Rubella has a worldwide distribution and infection is endemic in all countries that have not had a successful immunisation policy. Outbreaks usually occur in spring and early summer with major epidemics occurring every 4–8 years. Infection is common in childhood. Currently only 2–3% of young adult females are susceptible in the UK due to immunisation: many of those who are susceptible come from areas of the world such as the Indian subcontinent, where immunisation is uncommon. It is of paramount importance that the prevalence of pregnant women susceptible to rubella is monitored; should it decrease substantially immunisation protocols may have to change.
There is little evidence that administering normal human immunoglobulin after contact reduces the risk of maternal rubella and fetal infection, although it may attenuate the illness.
Attenuated live rubella vaccines have been available since the early 1970s. They are safe and only have minimal side effects such as a transient rash and arthralgia. Seroconversion occurs in over 95% of susceptible vaccinees and protection is of more than 20 years duration. Vaccine virus can be isolated from the throat of vaccinees but there is no evidence of onward transmission to susceptible contacts. It is advisable that all women of childbearing age are screened for rubella antibody before immunisation so that only susceptible women are offered vaccine. The vaccine is live and therefore contraindicated in pregnancy, and pregnancy should be avoided in the month after vaccination. However, although vaccine virus has been shown to infect the fetus, there is no evidence of teratogenicity. Thus, if a susceptible woman is immunised inadvertently whilst pregnant, she can be reassured that any risk to the baby is very remote.
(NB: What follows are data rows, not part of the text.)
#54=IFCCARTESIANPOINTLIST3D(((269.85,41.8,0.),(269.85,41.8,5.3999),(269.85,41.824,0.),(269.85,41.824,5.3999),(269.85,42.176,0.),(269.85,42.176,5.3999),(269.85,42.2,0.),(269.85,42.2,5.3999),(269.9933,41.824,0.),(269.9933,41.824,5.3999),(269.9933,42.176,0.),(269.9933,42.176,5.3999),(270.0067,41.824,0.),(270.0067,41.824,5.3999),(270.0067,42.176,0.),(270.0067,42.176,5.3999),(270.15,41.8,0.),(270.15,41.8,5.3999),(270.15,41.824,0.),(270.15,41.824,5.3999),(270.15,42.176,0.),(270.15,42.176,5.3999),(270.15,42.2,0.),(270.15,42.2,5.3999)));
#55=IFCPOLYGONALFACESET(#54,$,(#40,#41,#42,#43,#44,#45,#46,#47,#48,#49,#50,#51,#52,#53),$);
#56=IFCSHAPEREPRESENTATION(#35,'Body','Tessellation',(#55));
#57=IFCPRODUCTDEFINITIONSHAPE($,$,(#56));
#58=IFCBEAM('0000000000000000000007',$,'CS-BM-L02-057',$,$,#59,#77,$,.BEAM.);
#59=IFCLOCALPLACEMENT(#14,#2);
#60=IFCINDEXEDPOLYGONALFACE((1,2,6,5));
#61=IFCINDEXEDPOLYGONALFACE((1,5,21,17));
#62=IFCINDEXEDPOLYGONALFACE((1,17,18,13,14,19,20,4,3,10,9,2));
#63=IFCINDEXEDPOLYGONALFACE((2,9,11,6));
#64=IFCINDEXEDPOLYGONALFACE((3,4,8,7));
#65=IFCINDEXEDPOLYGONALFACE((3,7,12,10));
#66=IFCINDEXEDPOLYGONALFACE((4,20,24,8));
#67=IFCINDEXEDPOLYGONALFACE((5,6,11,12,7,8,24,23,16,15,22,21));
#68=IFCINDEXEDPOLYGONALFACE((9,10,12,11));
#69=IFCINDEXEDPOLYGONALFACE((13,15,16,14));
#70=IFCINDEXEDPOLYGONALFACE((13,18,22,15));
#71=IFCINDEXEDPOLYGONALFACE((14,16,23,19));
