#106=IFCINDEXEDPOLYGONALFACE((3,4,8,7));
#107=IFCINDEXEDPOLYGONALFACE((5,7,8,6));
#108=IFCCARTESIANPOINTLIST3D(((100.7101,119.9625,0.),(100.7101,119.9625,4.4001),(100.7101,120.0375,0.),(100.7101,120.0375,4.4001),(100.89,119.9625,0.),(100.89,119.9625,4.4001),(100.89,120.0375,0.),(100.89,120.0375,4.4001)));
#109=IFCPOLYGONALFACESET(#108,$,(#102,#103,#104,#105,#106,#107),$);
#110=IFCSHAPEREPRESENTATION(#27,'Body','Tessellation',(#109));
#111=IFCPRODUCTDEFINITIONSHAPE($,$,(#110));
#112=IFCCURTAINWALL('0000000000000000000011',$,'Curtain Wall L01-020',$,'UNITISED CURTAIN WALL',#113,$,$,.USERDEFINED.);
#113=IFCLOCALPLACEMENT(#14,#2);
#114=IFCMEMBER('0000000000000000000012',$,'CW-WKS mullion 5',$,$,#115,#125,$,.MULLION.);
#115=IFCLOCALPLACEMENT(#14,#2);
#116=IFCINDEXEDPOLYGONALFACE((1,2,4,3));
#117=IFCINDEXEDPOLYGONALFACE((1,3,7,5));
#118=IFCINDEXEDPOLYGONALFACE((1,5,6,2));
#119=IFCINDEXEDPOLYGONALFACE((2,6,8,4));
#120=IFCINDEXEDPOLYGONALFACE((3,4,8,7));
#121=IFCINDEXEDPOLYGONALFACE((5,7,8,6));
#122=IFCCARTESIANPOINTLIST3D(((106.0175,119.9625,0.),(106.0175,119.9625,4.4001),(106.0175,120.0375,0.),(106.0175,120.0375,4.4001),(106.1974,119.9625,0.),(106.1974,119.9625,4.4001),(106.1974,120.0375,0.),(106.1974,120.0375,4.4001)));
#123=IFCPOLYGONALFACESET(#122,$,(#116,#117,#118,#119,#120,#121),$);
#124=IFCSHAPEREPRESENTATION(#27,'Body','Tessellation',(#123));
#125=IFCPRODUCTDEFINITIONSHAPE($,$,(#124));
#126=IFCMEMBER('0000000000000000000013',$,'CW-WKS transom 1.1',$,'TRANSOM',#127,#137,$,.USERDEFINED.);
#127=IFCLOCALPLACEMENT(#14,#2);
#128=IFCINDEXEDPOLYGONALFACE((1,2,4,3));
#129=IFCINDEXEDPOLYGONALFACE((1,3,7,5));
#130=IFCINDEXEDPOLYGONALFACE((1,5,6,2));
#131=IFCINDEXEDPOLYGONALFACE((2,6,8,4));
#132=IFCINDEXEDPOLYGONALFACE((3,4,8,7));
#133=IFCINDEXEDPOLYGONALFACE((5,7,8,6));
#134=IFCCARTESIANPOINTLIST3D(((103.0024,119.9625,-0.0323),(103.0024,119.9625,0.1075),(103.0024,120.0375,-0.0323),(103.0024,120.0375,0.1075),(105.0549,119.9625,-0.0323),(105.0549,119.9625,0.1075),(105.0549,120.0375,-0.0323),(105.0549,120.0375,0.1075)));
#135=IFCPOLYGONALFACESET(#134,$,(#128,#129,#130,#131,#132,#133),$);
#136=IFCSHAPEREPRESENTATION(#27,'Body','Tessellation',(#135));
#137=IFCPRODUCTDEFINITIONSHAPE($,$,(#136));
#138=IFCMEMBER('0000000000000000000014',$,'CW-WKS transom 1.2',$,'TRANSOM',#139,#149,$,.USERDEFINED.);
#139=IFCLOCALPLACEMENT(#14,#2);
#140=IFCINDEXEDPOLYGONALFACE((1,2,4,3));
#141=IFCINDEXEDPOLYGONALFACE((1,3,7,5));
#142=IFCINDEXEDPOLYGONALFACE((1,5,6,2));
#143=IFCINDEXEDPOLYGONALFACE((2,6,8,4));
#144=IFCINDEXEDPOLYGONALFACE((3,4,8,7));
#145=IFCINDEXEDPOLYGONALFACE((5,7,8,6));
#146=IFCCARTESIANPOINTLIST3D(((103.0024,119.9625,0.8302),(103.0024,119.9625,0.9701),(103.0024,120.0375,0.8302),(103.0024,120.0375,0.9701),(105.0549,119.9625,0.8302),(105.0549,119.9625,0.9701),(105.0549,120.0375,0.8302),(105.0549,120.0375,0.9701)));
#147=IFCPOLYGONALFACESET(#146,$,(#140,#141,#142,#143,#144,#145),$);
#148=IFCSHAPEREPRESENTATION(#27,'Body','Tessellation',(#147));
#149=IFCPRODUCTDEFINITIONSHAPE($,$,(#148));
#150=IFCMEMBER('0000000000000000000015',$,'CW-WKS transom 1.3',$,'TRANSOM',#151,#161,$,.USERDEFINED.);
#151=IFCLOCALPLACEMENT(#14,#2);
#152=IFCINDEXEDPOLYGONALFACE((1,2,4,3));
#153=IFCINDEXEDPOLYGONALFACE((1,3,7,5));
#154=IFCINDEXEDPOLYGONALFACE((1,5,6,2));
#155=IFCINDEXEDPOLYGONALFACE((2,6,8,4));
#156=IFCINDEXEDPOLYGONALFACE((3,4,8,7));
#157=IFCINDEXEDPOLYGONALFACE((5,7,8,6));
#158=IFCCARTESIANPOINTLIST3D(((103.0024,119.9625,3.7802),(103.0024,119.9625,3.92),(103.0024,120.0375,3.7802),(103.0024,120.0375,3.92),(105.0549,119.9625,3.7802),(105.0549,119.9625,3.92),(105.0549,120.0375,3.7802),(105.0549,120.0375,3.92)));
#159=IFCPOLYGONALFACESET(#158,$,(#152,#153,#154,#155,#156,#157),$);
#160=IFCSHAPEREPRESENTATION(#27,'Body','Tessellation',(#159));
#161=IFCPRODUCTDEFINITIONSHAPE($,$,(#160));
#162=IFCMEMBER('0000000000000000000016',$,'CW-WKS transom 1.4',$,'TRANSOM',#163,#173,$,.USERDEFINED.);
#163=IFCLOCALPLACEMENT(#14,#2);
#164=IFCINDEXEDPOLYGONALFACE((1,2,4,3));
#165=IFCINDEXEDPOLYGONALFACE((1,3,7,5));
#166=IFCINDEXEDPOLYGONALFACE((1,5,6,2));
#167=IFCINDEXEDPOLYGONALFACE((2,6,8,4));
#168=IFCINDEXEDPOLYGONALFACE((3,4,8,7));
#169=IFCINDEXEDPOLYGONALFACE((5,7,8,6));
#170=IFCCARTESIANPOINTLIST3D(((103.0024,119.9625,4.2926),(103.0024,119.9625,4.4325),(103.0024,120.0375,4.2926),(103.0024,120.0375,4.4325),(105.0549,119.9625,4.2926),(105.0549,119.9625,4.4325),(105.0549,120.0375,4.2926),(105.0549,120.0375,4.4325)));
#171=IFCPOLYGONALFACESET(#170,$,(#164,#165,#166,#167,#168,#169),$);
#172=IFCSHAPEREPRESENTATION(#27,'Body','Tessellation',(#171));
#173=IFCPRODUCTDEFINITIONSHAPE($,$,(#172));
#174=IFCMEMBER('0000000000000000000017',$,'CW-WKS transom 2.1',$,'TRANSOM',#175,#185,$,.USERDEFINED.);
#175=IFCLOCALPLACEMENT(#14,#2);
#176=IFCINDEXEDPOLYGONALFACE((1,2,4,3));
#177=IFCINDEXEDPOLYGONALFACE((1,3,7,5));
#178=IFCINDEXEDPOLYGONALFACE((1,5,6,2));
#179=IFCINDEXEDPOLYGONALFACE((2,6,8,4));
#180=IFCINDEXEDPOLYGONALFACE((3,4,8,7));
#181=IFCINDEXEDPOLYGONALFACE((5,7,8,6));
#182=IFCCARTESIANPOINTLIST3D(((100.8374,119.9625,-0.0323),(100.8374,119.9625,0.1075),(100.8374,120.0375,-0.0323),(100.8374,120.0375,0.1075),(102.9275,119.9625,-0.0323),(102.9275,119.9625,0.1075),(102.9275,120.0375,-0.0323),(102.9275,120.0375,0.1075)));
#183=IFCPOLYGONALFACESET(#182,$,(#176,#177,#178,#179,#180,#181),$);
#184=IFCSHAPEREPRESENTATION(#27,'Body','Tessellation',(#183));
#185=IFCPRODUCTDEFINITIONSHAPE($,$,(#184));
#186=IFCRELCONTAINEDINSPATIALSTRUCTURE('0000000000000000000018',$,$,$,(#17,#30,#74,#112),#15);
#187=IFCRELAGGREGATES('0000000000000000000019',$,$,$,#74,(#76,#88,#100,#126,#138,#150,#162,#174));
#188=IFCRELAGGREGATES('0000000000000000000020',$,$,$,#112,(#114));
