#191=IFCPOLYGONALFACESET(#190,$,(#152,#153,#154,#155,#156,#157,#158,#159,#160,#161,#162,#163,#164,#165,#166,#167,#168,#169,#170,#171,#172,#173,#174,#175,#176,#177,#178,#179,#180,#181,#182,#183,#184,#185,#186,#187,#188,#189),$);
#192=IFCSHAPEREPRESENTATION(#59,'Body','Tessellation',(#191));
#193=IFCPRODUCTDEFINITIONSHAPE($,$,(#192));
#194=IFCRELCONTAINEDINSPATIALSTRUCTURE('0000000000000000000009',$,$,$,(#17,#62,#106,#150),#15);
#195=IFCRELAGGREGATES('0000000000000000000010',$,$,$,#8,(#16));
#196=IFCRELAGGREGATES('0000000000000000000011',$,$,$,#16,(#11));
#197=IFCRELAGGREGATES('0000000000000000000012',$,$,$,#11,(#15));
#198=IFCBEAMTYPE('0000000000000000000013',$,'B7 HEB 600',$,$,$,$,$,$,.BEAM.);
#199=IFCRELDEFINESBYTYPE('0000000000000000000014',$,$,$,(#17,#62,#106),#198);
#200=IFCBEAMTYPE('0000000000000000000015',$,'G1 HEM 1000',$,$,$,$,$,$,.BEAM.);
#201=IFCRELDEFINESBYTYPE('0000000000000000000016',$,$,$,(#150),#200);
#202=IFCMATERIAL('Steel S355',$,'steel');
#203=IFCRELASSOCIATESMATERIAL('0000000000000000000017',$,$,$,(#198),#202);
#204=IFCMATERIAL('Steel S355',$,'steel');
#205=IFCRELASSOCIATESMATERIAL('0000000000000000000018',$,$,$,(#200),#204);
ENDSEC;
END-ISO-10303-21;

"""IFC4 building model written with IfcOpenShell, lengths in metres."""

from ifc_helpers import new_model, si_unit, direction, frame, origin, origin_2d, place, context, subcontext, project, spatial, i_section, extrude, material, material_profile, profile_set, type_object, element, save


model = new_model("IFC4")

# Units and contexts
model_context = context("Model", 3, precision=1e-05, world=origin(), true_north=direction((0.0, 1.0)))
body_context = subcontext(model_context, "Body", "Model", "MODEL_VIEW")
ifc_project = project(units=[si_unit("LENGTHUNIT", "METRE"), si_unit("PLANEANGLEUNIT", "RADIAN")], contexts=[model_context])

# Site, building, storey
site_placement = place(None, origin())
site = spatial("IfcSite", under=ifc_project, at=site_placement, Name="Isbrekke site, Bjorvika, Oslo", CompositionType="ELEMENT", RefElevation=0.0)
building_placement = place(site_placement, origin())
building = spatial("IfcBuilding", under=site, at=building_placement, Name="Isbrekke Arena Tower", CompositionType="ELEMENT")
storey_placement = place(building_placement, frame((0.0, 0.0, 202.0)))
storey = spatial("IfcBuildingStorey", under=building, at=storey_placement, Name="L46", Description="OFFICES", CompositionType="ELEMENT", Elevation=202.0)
The objective of rubella immunisation is to eradicate congenital rubella. Historically in the UK there have been two approaches. In the 1970s vaccination was targeted at girls aged 11–14 years and susceptible adult women, identified by screening for rubella antibody in situations such as antenatal care and family planning clinics. The reasons for this policy were two-fold: firstly there were uncertainties about the duration of protection of the vaccine, and secondly it was thought natural rubella, acquired by around 50% of teenage girls, would afford women greater protection. There was also the consideration of exposure to natural rubella boosting vaccine immunity.
However, by the late 1980s it was apparent that this approach was not achieving the aim of eradicating congenital rubella, as there were still 10–20 cases of CRS and 100–200 terminations of pregnancy per annum in the UK. This was because the small number of women who were susceptible to rubella were becoming infected via their own or other people’s young children. This led to a different approach, commencing in October 1988, whereby all children were offered vaccine in an attempt to eradicate circulating rubella from the community and thus avoid exposure of any susceptible pregnant women. In order to make the vaccine more attractive to parents it was combined with measles and mumps (the MMR vaccine) and offered to both girls and boys at around 15 months of age. There was also a preschool ‘catch-up’ programme. In the late 1990s a second dose of MMR was introduced at 3–5 years to boost immunity of those who had received only one dose and to reach some of the children who had missed their first dose. This approach, similar to that adopted in the USA, has now almost eliminated congenital rubella. However there have been recent concerns in the UK about the safety of MMR vaccine and this has led to a fall in immunisation rates to below 95%, which may lead to a resurgence of rubella.